Les secteurs de la santé, la justice, la construction, l’accès à la fonction publique ou même l’éducation ne sont pas en reste. “De juillet à ce mois de septembre (2021, ndlr), nous disposons d’une centaine de vidéos d’actes de corruption”, affirme le ministre Ballo Zoro. Même les entreprises sont dans le viseur. En juillet dernier, pas moins de 4 directeurs généraux (Nouvelle pharmacie de la santé publique, Agence de gestion et de développement des infrastructures industrielles, Autorité de régulation de télécommunications de Côte d’Ivoire, et Agence de gestion foncière) avaient été suspendus pour détournement de fonds.

Punir ou accompagner ?

Alassane Ouattara, pour sa part, plaide pour la mise en place de sanctions : “c’est une évidence, il faut des sanctions. De ce point de vue, c’est tolérance zéro”. Le chef de l’Etat promeut en outre “la sensibilisation, (le) renforcement des capacités des institutions chargées de ces questions, ainsi (que) la modernisation et la numérisation des procédures de l’administration pour en finir avec ce fléau”.
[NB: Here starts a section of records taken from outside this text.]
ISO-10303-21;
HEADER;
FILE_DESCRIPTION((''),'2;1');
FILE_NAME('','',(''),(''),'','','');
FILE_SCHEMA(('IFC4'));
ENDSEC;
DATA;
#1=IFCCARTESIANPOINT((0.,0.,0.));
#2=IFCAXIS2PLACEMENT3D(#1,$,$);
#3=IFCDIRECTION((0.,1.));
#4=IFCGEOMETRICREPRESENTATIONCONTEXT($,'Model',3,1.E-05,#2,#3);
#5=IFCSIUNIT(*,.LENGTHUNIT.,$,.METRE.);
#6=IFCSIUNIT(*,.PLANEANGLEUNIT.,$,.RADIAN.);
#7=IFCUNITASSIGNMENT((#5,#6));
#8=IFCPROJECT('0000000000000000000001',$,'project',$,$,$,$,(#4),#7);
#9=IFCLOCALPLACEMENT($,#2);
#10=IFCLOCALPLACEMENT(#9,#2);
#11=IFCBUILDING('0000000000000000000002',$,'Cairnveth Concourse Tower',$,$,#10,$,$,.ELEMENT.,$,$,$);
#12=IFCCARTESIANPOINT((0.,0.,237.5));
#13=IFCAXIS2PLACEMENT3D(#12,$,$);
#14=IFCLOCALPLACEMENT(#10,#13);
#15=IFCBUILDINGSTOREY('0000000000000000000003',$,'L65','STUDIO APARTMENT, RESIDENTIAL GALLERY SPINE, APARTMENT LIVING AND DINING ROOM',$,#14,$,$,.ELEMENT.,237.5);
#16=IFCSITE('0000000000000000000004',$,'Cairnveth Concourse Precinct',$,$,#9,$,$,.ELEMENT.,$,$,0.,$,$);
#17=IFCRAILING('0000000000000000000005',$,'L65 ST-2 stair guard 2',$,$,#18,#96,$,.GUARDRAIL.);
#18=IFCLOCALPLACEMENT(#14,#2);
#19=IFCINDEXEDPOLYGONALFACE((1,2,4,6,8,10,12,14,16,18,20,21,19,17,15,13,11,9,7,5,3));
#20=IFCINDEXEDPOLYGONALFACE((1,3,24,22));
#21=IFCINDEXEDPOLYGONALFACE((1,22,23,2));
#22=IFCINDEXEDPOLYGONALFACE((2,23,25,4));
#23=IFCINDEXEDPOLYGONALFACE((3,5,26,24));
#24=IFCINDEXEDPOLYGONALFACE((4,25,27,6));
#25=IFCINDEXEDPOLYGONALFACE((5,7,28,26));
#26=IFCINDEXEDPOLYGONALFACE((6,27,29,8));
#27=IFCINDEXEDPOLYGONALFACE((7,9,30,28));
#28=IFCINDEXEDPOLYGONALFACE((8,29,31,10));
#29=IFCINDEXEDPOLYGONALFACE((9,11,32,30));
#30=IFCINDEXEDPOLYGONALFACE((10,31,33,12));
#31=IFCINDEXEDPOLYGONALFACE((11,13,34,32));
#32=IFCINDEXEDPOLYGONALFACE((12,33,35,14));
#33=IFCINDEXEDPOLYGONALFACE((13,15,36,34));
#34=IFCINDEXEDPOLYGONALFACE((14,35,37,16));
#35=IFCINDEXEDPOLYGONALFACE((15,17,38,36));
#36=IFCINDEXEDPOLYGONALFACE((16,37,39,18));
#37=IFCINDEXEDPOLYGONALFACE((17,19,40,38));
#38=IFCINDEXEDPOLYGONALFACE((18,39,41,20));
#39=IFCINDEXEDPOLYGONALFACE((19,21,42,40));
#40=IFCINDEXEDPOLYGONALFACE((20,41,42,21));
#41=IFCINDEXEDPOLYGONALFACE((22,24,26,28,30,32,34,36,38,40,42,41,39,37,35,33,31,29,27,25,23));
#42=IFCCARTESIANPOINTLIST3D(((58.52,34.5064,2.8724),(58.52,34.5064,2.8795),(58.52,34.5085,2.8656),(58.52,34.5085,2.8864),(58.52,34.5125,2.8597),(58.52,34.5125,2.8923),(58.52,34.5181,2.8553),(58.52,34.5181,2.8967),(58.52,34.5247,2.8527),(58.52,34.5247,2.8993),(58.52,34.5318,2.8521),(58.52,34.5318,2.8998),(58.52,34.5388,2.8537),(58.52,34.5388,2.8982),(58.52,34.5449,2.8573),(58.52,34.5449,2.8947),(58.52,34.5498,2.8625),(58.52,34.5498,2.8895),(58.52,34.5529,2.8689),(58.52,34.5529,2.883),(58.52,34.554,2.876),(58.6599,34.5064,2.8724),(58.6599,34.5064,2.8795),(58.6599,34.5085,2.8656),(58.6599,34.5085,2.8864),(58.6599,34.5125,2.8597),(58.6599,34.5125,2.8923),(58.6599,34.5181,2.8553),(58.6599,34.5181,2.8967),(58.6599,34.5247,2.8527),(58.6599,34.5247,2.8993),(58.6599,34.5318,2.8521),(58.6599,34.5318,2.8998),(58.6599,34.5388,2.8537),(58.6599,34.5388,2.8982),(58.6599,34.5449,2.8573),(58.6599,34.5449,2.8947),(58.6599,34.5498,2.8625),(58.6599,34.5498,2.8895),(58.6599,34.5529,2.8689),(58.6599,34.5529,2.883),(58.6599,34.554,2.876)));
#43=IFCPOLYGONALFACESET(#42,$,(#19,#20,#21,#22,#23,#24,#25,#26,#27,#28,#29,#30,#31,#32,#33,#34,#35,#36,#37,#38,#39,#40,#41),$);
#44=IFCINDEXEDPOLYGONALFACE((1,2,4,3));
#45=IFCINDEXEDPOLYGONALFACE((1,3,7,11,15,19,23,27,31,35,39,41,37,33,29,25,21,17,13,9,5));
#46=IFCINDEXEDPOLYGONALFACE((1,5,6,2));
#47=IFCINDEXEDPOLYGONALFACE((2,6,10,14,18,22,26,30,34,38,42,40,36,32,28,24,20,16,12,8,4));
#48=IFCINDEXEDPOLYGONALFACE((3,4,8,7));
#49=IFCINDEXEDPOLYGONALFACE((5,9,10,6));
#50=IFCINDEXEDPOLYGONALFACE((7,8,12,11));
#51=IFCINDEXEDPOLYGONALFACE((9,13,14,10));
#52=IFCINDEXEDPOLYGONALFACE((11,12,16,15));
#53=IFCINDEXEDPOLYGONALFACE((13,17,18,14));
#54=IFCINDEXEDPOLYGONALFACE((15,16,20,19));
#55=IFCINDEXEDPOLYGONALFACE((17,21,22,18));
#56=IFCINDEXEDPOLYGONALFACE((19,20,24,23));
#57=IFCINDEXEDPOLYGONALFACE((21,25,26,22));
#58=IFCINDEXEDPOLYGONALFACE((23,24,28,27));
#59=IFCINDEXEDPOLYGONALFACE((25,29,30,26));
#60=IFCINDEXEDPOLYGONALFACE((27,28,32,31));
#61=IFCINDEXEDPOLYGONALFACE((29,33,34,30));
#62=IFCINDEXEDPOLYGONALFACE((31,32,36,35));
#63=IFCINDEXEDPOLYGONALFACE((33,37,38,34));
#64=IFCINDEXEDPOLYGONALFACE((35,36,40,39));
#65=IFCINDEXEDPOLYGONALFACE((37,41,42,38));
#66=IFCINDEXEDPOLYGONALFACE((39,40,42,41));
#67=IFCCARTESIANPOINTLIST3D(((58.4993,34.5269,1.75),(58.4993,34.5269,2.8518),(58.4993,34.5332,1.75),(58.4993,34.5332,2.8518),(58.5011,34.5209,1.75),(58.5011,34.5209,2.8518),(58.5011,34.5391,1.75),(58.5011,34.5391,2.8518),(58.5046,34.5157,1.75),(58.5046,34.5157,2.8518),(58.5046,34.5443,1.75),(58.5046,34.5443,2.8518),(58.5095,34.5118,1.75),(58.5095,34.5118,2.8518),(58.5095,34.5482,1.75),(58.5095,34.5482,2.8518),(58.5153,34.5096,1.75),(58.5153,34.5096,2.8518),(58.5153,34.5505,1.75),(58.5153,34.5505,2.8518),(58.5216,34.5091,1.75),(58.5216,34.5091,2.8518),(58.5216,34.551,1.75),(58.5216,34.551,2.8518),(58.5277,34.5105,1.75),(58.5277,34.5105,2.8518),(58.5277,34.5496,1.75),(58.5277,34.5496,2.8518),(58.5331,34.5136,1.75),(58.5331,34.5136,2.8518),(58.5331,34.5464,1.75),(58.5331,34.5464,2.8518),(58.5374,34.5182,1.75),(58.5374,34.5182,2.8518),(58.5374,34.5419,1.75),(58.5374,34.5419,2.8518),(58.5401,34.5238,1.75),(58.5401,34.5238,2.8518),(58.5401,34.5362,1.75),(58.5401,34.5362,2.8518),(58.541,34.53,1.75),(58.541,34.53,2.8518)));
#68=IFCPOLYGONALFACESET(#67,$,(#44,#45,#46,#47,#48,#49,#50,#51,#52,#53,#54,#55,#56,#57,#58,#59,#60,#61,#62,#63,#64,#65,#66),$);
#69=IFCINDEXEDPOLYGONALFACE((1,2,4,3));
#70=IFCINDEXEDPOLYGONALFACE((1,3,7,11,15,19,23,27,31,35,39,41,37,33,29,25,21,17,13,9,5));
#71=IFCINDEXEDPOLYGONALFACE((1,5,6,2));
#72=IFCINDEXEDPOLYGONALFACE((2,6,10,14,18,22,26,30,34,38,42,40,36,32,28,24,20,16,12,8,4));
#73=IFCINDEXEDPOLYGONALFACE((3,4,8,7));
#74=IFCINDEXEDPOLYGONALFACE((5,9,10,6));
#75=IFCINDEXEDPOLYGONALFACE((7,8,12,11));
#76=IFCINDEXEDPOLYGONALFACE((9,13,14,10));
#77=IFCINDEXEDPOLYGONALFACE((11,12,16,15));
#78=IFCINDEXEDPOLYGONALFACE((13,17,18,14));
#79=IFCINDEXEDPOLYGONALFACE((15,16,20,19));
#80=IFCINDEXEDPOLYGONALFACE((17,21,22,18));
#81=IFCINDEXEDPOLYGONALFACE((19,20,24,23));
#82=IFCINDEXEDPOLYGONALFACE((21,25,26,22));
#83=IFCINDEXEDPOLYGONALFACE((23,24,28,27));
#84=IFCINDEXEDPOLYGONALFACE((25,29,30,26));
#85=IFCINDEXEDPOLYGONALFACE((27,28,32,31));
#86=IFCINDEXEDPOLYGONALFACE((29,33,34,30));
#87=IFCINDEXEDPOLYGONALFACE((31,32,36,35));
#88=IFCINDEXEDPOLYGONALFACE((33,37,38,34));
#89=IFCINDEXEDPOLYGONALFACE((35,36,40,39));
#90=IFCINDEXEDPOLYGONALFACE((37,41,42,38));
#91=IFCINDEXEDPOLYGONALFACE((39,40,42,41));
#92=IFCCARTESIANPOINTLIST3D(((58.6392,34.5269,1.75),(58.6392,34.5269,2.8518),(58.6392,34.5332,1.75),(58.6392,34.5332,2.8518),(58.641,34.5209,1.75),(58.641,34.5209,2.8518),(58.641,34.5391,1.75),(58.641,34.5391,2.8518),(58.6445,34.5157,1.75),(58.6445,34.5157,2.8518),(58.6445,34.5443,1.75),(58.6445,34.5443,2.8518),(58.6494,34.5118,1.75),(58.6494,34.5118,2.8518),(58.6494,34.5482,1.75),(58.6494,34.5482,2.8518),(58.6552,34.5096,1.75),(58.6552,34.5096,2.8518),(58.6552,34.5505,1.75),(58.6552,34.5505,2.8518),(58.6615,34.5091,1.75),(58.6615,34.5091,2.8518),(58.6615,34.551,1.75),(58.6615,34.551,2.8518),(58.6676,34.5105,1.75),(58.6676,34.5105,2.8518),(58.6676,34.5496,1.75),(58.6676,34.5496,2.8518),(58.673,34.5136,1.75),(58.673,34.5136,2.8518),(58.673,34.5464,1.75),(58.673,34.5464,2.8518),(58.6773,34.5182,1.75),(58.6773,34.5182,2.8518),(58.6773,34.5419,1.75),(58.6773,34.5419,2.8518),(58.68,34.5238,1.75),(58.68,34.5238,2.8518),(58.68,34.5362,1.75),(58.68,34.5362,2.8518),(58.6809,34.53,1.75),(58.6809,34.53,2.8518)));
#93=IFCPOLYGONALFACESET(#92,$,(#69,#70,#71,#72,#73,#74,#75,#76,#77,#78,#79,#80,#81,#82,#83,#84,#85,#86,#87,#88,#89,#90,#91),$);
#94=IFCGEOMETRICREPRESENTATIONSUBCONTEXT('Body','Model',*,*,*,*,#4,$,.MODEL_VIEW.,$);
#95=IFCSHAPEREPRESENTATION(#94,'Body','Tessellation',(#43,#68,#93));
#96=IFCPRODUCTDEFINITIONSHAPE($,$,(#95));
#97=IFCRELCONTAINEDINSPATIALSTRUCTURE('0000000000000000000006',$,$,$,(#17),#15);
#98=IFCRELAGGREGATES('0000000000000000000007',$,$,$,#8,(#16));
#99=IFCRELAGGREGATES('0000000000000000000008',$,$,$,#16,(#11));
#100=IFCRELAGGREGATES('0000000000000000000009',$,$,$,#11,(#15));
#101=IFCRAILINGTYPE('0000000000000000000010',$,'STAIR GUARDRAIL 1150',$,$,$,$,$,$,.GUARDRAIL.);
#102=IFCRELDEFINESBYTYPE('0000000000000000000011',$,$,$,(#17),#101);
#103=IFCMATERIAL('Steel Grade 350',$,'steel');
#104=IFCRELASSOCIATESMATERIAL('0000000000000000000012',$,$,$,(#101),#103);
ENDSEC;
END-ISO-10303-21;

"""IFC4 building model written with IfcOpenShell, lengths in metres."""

from ifc_helpers import new_model, si_unit, direction, frame, origin, origin_2d, place, context, subcontext, project, spatial, circle, extrude, material, type_object, element, save


model = new_model("IFC4")

# Units and contexts
model_context = context("Model", 3, precision=1e-05, world=origin(), true_north=direction((0.0, 1.0)))
body_context = subcontext(model_context, "Body", "Model", "MODEL_VIEW")
ifc_project = project(units=[si_unit("LENGTHUNIT", "METRE"), si_unit("PLANEANGLEUNIT", "RADIAN")], contexts=[model_context])

# Site, building, storey
site_placement = place(None, origin())
site = spatial("IfcSite", under=ifc_project, at=site_placement, Name="Cairnveth Concourse Precinct", CompositionType="ELEMENT", RefElevation=0.0)
building_placement = place(site_placement, origin())
building = spatial("IfcBuilding", under=site, at=building_placement, Name="Cairnveth Concourse Tower", CompositionType="ELEMENT")
storey_placement = place(building_placement, frame((0.0, 0.0, 237.5)))
storey = spatial("IfcBuildingStorey", under=building, at=storey_placement, Name="L65", Description="STUDIO APARTMENT, RESIDENTIAL GALLERY SPINE, APARTMENT LIVING AND DINING ROOM", CompositionType="ELEMENT", Elevation=237.5)

# Shared definitions
ifc_material_1 = material(Name="Steel Grade 350", Category="steel")

# Railing
railing_type_1 = type_object("IfcRailingType", Name="STAIR GUARDRAIL 1150", PredefinedType="GUARDRAIL", material=ifc_material_1)
railing_1_placement = place(storey_placement, frame((58.52, 34.53, 1.75)))
element("IfcRailing", 1, at=railing_1_placement, inside=storey, type_object=railing_type_1, Name="L65 ST-2 stair guard 2", PredefinedType="GUARDRAIL", context=body_context, shape_type="SweptSolid", body=[
    extrude(circle(Radius=0.0239, at=origin_2d()), frame((0.0, 0.0, 1.126), z_axis=(1.0, 0.0, 0.0), x_axis=(0.0, 1.0, 0.0)), (0.0, 0.0, 1.0), 0.1399),
    extrude(circle(Radius=0.021, at=origin_2d()), origin(), (0.0, 0.0, 1.0), 1.1018),
    extrude(circle(Radius=0.021, at=origin_2d()), frame((0.1399, 0.0, 0.0)), (0.0, 0.0, 1.0), 1.1018),
])

save(model, "model.ifc")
De son côté, Epiphane Ballo Zoro soutient que “la digitalisation (des services et des modes de paiement, ndlr) est une vraie solution” : “Le ministère de la Fonction publique et de la modernisation de l’administration, en lien avec celui de l’Économie numérique, est en train de développer un ambitieux programme en vue de digitaliser notre administration”, précisait-il lors d’une interview réalisée en septembre dernier. Et le ministre de finalement souligner que “la lutte contre la corruption induit un changement de comportement, de mentalité, afin d’être plus intègre”.